What they found inside was an airy, comfortable vehicle equipped with luggage
storage, reading lights, individual air controls and enough carpeting on the
sides and ceiling to help reduce noise levels.
The buses are fueled by compressed natural gas, an environmentally clean
substitute for gasoline and diesel.
The quick trip from the Lamar Boulevard Park and Ride Lot at I-30 and Cooper
Street to Eastchase Parkway and back followed a morning news conference.
When the service begins Tuesday morning, commuters will be able to board buses
from two Park and Ride Lots in Arlington and have a choice of downtown Fort
Worth destinations in the Intermodal Transportation Center.
The other pick up location in Arlington is the South Park and Ride Lot at I-20
and Park Springs Boulevard.
“This is a great day in Arlington,” Arlington City Council Member Kathryn
Wilemon said during her remarks. “It’s very important that we give our citizens
an alternative transportation system. Our city has deserved this for a long
time.”
Arlington Mayor Robert Cluck said the nonstop commuter service that will offer
three morning peak-period trips to Fort Worth and three evening peak-period
trips back is important because getting more cars off the road is just one part
of “a serious public health issue that we all need to work on.”

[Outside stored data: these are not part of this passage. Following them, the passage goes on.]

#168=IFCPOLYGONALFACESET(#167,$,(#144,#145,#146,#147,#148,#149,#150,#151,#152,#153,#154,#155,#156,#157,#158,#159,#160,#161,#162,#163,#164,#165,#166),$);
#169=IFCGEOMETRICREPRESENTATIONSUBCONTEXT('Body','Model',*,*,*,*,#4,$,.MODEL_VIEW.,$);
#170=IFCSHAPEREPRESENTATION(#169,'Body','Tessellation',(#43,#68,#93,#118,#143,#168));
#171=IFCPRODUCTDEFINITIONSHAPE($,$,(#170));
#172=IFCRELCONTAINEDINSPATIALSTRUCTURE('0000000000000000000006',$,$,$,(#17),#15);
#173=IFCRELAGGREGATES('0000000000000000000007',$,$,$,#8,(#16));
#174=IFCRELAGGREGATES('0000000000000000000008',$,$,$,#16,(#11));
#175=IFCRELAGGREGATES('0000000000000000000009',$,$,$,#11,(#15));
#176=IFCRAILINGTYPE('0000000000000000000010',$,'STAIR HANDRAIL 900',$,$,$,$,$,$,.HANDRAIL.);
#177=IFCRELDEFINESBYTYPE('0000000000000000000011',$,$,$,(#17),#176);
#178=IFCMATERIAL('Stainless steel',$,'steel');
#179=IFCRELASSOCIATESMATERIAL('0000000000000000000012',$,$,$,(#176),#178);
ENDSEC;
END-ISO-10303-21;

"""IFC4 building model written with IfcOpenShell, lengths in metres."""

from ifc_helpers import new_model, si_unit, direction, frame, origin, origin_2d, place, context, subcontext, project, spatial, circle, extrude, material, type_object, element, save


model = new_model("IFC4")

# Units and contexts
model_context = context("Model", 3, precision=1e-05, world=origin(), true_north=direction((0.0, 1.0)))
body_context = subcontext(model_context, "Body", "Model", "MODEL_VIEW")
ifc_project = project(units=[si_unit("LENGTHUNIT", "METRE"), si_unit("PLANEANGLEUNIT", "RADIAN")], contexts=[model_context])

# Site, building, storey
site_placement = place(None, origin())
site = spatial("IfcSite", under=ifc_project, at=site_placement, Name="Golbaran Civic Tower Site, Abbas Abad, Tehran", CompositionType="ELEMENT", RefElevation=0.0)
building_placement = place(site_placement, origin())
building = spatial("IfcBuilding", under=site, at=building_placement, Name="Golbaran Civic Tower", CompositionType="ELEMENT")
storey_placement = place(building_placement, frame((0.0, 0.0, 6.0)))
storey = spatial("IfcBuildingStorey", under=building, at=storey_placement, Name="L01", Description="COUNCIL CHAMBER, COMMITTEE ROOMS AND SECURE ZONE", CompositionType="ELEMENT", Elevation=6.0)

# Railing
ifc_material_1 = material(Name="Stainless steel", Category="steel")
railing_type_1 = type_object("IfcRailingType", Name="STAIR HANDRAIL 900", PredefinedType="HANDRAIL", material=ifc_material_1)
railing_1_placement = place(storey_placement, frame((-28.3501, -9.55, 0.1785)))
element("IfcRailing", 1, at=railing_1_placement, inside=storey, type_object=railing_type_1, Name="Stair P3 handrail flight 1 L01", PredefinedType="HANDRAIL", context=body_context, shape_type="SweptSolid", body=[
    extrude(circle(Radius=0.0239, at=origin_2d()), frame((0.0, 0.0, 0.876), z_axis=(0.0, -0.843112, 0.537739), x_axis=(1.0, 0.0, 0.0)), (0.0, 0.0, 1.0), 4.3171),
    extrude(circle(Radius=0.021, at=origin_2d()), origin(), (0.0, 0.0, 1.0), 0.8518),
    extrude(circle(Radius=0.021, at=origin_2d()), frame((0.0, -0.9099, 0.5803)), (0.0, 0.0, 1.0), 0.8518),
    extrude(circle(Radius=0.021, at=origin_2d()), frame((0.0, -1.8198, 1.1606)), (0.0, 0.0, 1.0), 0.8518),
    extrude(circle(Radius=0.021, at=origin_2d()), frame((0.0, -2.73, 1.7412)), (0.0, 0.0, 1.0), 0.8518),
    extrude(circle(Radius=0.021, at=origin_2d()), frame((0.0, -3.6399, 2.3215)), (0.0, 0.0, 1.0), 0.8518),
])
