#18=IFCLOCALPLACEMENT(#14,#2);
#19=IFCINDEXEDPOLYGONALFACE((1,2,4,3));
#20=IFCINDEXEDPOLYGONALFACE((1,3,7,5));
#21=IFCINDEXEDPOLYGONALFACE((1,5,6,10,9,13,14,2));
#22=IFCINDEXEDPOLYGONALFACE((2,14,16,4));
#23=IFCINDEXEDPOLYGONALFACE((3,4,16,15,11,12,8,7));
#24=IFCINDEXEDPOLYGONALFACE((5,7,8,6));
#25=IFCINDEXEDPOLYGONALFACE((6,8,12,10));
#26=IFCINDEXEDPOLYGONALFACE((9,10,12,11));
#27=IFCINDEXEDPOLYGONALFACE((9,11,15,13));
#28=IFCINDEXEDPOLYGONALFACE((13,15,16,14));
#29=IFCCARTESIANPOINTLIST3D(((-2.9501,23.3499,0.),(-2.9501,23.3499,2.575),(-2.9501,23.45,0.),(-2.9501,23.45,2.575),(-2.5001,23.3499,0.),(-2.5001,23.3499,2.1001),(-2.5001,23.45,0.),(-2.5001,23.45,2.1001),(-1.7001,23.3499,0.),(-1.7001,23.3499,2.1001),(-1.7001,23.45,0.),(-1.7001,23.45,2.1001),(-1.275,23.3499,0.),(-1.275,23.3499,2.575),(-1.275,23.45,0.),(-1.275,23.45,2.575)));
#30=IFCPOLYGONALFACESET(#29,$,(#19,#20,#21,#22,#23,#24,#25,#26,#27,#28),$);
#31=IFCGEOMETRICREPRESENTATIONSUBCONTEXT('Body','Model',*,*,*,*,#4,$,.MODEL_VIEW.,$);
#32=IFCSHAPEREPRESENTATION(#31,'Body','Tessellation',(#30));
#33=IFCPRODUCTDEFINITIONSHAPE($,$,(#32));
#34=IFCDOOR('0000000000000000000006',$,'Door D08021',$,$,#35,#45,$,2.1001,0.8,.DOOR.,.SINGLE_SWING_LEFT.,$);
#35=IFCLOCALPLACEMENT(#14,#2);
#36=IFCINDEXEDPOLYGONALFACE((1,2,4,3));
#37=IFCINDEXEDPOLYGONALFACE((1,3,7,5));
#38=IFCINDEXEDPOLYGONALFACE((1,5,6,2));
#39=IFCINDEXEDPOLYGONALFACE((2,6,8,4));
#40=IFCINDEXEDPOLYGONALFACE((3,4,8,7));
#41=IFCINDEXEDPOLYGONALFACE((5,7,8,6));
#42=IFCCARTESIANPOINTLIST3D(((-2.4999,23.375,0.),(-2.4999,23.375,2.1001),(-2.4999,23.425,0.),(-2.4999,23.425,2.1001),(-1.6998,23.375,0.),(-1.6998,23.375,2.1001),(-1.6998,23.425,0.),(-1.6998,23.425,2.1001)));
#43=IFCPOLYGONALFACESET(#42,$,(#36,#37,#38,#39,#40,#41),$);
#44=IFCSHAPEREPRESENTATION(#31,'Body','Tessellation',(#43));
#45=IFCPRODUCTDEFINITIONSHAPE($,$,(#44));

“Until we do that, we will continue seeing kids with asthma attacks, bad lungs,
and other respiratory ailments,” he said. “And this commuter service won’t cost
the city a penny. Sue Pope Fund understands what’s at stake and has picked up
the tab.”
The service is funded by a $75,000 grant from the Sue Pope Fund North Texas
Pollution Reduction Program, a project of Downwinders at Risk, which funds
projects that reduce ozone emissions in north Texas.